Ittyon \cite{ittyon} is a Clojure library to manage distributed state in games based on ideas from Entity-Component Systems (ECS) combined with the EAV+$t_x$ data model. The testbed described in section~\ref{sec:implementation} is based on its client/server implementation.
This thesis takes ideas related to increased expressivity from each of these projects and presents a greatly simplified implementation which ignores all aspects of performance, efficiency, or interoperability.
\paragraph{Hyperfiddle, LogicBlox, and Eve.} A notable proprietary commercial RAD self-serve database system with an integrated programming language based on Datalog, LogicBlox \cite{aref2015design} similarly aims to reduce incidental complexity of developing line-of-business applications with a focus on probabilistic and predictive analytics of large business data sets.
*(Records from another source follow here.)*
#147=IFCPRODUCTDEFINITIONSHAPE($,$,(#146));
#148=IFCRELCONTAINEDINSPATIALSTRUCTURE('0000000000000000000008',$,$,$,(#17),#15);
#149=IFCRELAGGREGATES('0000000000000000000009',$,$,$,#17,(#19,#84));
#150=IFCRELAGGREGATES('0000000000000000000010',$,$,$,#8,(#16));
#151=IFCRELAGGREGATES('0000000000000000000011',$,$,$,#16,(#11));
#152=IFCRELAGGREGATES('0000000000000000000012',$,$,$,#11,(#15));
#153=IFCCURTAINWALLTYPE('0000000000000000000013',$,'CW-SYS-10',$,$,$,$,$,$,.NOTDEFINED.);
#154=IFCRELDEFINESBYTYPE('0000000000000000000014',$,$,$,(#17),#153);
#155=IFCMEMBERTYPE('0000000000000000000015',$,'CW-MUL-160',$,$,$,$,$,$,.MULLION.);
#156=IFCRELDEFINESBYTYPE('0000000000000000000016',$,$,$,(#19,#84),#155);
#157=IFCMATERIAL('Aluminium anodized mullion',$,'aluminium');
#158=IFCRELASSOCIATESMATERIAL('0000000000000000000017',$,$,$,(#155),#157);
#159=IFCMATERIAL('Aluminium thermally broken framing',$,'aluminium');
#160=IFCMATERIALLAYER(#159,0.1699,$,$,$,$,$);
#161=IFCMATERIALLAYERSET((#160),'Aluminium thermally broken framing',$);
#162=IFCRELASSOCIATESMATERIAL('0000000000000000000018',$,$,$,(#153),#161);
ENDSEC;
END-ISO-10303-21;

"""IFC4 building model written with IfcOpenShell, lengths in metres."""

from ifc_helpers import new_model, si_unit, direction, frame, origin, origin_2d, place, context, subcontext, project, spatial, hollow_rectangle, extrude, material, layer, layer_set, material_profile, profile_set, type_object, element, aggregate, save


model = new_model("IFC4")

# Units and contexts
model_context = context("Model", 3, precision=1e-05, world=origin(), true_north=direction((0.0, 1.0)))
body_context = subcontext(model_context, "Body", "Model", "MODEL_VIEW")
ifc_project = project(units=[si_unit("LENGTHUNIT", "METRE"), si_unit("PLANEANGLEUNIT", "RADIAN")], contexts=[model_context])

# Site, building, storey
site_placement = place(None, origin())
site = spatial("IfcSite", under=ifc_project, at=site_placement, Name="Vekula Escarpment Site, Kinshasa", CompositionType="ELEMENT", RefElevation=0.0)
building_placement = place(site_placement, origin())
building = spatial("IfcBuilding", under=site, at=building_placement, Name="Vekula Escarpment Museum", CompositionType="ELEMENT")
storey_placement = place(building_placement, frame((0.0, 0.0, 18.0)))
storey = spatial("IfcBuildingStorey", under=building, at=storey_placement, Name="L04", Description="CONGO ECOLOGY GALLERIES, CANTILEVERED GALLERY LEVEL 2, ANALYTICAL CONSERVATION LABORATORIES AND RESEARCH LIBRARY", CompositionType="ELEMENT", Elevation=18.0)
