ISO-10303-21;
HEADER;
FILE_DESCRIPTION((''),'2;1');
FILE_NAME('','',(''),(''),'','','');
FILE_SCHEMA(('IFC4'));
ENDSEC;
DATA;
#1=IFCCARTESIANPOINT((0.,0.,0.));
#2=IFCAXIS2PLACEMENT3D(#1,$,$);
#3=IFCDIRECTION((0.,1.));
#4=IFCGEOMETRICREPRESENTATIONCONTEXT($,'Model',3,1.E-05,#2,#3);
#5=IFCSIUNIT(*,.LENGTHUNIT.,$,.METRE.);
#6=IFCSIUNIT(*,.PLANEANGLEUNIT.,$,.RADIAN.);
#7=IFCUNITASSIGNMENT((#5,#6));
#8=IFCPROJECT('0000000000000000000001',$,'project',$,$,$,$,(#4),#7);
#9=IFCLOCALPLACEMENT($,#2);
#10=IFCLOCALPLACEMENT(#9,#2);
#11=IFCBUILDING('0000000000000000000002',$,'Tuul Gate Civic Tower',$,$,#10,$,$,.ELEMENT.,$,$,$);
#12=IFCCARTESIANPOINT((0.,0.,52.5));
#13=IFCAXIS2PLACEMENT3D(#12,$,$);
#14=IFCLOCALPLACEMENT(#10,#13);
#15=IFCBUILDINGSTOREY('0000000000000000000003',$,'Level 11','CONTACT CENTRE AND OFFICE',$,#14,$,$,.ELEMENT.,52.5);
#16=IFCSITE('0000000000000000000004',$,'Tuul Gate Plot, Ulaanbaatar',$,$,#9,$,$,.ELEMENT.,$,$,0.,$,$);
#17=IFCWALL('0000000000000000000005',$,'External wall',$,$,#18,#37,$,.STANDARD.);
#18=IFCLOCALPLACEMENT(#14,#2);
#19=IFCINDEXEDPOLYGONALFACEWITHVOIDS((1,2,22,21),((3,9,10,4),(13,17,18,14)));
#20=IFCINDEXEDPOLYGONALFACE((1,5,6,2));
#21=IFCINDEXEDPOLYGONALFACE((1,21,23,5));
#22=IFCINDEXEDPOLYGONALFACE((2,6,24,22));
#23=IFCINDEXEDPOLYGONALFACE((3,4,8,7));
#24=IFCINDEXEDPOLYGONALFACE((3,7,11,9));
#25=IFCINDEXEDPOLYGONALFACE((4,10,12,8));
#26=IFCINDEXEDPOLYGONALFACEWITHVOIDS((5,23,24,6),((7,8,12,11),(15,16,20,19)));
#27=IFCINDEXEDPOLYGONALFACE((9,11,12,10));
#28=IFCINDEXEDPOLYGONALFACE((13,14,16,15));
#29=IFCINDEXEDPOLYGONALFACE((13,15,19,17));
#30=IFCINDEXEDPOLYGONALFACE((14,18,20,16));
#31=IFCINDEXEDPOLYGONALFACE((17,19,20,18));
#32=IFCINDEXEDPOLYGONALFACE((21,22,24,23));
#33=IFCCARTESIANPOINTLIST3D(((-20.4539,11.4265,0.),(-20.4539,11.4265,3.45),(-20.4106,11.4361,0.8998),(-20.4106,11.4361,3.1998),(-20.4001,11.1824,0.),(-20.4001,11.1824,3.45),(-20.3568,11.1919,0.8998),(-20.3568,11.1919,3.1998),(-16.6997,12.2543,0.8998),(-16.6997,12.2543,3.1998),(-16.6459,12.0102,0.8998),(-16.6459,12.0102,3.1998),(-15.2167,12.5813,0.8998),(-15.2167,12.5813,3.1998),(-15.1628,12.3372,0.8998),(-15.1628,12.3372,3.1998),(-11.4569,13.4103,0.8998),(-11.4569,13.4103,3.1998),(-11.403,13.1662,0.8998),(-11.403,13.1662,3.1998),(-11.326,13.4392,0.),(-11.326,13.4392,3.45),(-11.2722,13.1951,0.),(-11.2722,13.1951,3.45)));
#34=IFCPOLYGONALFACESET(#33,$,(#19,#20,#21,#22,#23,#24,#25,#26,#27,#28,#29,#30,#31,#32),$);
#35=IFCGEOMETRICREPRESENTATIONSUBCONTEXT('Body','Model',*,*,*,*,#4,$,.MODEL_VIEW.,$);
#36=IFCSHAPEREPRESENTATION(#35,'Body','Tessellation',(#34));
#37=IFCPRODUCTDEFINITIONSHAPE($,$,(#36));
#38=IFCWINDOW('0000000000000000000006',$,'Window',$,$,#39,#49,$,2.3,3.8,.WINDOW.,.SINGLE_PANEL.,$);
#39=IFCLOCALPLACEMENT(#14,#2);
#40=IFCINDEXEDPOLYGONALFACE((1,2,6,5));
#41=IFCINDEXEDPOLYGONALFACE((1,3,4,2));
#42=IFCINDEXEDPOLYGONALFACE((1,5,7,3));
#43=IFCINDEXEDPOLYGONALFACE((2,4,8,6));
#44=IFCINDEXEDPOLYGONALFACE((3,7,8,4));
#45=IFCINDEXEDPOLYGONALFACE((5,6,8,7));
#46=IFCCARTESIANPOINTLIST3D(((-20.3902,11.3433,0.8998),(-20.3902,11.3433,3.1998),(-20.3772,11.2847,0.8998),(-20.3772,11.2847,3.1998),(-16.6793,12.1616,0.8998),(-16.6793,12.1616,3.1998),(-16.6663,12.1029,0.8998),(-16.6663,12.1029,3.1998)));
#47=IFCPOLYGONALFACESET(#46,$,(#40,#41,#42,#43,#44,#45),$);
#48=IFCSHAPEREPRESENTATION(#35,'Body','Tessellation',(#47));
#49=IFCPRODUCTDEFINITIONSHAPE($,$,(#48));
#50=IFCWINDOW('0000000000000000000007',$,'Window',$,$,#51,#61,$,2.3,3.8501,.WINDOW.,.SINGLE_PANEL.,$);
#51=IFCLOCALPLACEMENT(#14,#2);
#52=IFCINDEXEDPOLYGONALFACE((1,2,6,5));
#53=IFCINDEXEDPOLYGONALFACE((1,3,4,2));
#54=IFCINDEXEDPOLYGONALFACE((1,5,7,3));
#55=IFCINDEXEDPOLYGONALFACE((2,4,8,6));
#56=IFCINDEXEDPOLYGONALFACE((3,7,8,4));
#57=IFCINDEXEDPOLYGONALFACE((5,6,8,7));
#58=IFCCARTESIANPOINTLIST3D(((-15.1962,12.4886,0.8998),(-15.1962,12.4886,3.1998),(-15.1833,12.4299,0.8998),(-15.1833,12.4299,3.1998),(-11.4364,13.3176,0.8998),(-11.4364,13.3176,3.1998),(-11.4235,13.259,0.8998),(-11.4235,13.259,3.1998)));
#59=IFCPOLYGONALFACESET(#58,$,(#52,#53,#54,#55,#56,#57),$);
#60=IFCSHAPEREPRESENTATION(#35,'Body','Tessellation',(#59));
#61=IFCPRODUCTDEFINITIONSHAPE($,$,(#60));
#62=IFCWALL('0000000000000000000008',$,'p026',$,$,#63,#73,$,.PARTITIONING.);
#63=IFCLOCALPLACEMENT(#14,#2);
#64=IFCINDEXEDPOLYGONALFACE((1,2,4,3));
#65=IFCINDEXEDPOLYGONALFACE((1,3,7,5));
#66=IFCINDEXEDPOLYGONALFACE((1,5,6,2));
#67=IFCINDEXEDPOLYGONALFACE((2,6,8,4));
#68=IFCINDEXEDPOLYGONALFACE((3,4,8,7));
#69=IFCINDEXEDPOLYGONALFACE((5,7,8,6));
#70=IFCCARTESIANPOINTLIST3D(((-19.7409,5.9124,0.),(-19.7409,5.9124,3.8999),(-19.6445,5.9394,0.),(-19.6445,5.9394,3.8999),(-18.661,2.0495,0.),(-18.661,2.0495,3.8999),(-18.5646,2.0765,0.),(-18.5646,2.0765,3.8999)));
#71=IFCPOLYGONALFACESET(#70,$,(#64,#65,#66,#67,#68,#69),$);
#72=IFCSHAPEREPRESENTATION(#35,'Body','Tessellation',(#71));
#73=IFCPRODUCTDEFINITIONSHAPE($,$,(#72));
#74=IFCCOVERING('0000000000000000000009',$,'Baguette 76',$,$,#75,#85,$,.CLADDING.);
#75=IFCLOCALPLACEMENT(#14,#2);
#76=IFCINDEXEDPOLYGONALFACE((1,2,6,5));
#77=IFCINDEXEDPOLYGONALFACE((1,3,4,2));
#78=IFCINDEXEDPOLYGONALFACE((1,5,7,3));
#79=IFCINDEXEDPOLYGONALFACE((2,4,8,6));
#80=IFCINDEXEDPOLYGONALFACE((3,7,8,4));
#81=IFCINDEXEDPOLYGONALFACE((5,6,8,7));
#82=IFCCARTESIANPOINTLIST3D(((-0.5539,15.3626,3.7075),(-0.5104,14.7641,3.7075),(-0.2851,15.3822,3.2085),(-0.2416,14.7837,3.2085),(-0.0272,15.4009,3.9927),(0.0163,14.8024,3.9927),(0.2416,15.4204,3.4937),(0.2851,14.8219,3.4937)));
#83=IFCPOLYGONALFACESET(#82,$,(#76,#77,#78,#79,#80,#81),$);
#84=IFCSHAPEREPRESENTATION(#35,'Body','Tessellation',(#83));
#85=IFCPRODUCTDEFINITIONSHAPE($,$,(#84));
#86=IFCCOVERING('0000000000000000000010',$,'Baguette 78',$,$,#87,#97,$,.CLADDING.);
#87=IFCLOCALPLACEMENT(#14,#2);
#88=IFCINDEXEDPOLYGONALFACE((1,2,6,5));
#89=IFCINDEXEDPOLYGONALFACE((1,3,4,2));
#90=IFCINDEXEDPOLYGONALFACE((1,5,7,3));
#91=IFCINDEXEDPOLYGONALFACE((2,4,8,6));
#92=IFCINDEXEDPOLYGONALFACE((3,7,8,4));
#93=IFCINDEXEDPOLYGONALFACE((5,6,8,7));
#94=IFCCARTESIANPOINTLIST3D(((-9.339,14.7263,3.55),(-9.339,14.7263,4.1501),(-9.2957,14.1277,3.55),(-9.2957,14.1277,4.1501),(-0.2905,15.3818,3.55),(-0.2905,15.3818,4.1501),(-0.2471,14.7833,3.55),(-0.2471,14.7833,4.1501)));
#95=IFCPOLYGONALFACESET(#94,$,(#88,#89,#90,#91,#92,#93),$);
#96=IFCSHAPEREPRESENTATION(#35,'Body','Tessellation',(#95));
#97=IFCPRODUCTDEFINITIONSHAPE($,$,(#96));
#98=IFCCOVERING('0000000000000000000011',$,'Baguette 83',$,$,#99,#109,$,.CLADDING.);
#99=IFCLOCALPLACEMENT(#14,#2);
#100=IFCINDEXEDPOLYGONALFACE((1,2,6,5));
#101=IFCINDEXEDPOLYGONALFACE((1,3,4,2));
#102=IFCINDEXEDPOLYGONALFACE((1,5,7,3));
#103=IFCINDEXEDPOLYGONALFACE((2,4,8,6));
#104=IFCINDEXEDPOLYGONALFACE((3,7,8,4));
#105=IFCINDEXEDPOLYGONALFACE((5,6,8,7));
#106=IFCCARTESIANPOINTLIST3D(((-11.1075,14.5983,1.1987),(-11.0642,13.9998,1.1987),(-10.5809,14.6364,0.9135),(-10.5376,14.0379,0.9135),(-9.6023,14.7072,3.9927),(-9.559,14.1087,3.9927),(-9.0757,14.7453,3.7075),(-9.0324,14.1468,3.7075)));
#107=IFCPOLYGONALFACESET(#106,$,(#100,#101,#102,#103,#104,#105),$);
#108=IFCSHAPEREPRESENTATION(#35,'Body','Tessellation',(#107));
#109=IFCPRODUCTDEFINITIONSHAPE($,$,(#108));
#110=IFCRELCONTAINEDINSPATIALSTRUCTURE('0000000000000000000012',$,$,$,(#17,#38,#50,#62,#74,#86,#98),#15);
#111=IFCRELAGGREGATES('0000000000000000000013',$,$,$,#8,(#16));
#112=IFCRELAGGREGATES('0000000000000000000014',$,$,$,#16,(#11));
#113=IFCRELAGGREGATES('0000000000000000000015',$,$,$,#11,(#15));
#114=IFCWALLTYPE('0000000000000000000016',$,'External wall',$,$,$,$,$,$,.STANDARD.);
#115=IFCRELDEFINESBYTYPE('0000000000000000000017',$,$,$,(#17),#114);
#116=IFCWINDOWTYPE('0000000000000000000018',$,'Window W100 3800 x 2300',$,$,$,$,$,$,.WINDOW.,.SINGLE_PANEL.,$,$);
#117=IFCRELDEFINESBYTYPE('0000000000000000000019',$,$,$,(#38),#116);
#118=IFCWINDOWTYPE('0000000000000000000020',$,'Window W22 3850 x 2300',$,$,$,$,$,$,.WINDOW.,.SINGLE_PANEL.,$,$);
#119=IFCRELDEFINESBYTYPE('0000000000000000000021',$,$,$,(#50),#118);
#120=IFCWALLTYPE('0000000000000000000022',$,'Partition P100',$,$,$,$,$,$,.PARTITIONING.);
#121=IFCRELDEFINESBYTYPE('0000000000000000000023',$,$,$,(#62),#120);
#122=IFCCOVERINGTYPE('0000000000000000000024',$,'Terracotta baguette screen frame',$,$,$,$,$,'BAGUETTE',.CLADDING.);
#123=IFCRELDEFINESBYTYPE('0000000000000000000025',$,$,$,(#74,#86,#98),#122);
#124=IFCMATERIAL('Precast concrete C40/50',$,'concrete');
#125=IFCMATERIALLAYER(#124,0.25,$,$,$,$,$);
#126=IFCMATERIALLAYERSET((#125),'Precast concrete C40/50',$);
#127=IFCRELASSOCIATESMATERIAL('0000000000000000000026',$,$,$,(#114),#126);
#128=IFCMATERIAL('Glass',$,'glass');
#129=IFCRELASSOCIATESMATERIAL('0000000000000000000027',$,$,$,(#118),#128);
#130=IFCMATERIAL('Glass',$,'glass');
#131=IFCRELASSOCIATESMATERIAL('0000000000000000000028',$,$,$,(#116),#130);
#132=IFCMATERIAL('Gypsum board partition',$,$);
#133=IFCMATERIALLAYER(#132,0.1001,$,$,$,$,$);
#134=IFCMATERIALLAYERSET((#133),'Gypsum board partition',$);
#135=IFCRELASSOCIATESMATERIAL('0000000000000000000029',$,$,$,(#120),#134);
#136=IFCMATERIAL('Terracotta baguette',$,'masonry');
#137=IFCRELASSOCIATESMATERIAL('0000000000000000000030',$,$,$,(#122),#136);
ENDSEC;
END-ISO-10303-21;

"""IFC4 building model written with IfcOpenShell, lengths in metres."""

from ifc_helpers import new_model, si_unit, direction, frame, frame_2d, origin, origin_2d, place, context, subcontext, project, spatial, rectangle, extrude, material, layer, layer_set, material_profile, profile_set, type_object, element, fill, save


model = new_model("IFC4")

# Units and contexts
model_context = context("Model", 3, precision=1e-05, world=origin(), true_north=direction((0.0, 1.0)))
body_context = subcontext(model_context, "Body", "Model", "MODEL_VIEW")
ifc_project = project(units=[si_unit("LENGTHUNIT", "METRE"), si_unit("PLANEANGLEUNIT", "RADIAN")], contexts=[model_context])

# Site, building, storey
site_placement = place(None, origin())
site = spatial("IfcSite", under=ifc_project, at=site_placement, Name="Tuul Gate Plot, Ulaanbaatar", CompositionType="ELEMENT", RefElevation=0.0)
building_placement = place(site_placement, origin())
building = spatial("IfcBuilding", under=site, at=building_placement, Name="Tuul Gate Civic Tower", CompositionType="ELEMENT")
storey_placement = place(building_placement, frame((0.0, 0.0, 52.5)))
storey = spatial("IfcBuildingStorey", under=building, at=storey_placement, Name="Level 11", Description="CONTACT CENTRE AND OFFICE", CompositionType="ELEMENT", Elevation=52.5)

# Wall, openings, windows
ifc_material_1 = material(Name="Precast concrete C40/50", Category="concrete")
ifc_layer_1 = layer(ifc_material_1, 0.25)
ifc_layer_set_1 = layer_set([ifc_layer_1], Name="Precast concrete C40/50")
wall_type_1 = type_object("IfcWallType", Name="External wall", PredefinedType="STANDARD", material=ifc_layer_set_1)
ifc_material_2 = material(Name="Glass", Category="glass")
window_type_1 = type_object("IfcWindowType", Name="Window W22 3850 x 2300", PartitioningType="SINGLE_PANEL", PredefinedType="WINDOW", material=ifc_material_2)
wall_1_placement = place(storey_placement, frame((-11.2991, 13.3171, 0.0), z_axis=(0.0, 0.0, 1.0), x_axis=(-0.976542, -0.215326, 0.0)))
wall_1 = element("IfcWall", 1, at=wall_1_placement, inside=storey, type_object=wall_type_1, Name="External wall", PredefinedType="STANDARD", context=body_context, shape_type="SweptSolid", body=[
    extrude(rectangle(XDim=9.3472, YDim=0.25, at=frame_2d((4.6736, 0.0))), origin(), (0.0, 0.0, 1.0), 3.45),
])
opening_1_placement = place(wall_1_placement, frame((0.134, 0.0, 0.8999)))
opening_1 = element("IfcOpeningElement", 2, at=opening_1_placement, cuts=wall_1, PredefinedType="OPENING", context=body_context, shape_type="SweptSolid", body=[
    extrude(rectangle(XDim=3.8501, YDim=2.3, at=frame_2d((1.925, 1.1499))), frame((0.0, 0.135, 0.0), z_axis=(0.0, -1.0, 0.0), x_axis=(1.0, 0.0, 0.0)), (0.0, 0.0, 1.0), 0.27),
])
opening_2_placement = place(wall_1_placement, frame((5.5029, 0.0, 0.8999)))
opening_2 = element("IfcOpeningElement", 3, at=opening_2_placement, cuts=wall_1, PredefinedType="OPENING", context=body_context, shape_type="SweptSolid", body=[
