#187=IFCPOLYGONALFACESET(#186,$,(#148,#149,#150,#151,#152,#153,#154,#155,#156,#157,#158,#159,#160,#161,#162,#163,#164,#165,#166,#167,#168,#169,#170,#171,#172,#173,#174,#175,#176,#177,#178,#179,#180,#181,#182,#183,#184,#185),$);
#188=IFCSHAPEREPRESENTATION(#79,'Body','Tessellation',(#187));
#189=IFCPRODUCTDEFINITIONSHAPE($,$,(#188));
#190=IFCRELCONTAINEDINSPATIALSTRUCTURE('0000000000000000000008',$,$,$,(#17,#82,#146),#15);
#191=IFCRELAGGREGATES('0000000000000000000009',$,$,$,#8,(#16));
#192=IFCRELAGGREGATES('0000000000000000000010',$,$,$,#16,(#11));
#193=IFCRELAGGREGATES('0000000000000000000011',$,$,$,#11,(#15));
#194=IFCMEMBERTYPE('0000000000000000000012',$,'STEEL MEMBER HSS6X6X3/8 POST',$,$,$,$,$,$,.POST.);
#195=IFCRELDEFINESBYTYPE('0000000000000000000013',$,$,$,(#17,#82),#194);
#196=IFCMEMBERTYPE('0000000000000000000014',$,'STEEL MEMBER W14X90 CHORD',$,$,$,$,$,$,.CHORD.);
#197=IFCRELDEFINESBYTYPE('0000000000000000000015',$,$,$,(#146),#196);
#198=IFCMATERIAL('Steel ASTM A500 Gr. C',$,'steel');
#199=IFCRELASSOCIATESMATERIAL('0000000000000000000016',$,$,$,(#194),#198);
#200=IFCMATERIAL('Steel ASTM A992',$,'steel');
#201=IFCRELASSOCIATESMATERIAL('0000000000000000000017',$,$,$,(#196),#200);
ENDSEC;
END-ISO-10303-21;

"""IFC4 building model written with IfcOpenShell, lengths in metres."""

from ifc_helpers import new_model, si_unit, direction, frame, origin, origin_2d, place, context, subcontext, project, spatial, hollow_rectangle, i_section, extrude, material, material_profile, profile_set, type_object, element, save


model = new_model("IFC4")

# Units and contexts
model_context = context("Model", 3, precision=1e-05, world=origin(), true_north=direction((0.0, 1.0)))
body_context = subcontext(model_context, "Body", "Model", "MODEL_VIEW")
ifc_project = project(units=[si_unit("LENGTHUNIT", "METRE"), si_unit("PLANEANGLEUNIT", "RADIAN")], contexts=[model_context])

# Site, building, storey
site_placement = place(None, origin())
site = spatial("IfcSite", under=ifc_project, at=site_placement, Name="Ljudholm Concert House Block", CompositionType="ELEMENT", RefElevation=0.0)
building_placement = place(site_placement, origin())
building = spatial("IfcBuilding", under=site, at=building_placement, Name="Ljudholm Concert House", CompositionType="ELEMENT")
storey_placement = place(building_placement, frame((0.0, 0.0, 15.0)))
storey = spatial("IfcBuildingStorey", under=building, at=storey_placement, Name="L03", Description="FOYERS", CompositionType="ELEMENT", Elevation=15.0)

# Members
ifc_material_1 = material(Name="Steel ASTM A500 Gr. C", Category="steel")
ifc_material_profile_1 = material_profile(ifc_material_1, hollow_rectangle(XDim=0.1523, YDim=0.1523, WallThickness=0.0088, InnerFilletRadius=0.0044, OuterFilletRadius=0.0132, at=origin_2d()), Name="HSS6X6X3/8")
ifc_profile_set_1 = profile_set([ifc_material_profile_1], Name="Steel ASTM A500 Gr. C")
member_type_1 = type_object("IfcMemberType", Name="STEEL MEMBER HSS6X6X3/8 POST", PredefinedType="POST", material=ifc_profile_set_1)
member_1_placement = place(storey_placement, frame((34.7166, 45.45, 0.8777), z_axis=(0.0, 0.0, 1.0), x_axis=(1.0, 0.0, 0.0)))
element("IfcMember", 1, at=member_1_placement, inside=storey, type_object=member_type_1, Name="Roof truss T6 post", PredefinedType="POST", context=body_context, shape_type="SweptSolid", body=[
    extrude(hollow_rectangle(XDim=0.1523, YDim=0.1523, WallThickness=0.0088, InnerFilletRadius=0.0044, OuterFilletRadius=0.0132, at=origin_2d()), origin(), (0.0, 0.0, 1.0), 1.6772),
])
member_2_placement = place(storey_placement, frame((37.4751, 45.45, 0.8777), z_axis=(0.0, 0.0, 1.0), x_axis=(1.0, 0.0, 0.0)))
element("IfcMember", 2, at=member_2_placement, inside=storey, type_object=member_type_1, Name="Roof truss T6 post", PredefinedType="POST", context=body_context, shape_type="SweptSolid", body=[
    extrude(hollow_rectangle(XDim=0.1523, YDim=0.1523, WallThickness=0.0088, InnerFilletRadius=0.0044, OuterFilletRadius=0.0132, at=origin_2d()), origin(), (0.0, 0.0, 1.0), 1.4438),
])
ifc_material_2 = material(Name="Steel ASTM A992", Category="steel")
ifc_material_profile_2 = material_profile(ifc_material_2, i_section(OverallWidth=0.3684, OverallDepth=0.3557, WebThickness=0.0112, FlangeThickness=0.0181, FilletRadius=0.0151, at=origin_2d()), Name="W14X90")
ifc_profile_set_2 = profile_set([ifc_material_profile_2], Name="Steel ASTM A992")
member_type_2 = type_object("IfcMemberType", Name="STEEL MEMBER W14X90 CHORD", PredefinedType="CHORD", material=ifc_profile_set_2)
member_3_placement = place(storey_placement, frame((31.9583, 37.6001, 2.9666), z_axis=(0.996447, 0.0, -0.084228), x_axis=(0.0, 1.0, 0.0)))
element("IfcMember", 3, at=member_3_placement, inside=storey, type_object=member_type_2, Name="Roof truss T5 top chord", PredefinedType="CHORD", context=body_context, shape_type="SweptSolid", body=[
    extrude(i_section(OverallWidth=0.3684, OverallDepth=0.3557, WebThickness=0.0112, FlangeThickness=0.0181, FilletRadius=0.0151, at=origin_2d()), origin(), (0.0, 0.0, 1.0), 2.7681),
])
Its developers have contributed a novel efficient algorithm for incremental view maintenance for Datalog systems \cite{veldhuizen2012leapfrog}.
The ongoing Hyperfiddle project \cite{getz18hyperfiddle} aims to be a \gls{DSL} to fully describe an application using only plain expressions of \gls{edn}. It is built on Datomic to interactively and quickly create a \gls{UI} for database applications,
Ambitious but ultimately abandoned, the Eve project \cite{eve} was an attempt to reinvent programming for "humans first" through a combination of development environment, database, and a novel relational and reactive programming language where e.g. the concept of identifier scope is abandoned, and the order of statements has no semantics.
If the data layer presented in this thesis would be evolved towards a full framework for declaratively turning business requirements into functioning applications, following in the spirit of Meteor, the resulting product could look like a combination of Hyperfiddle, LogicBlox and Eve.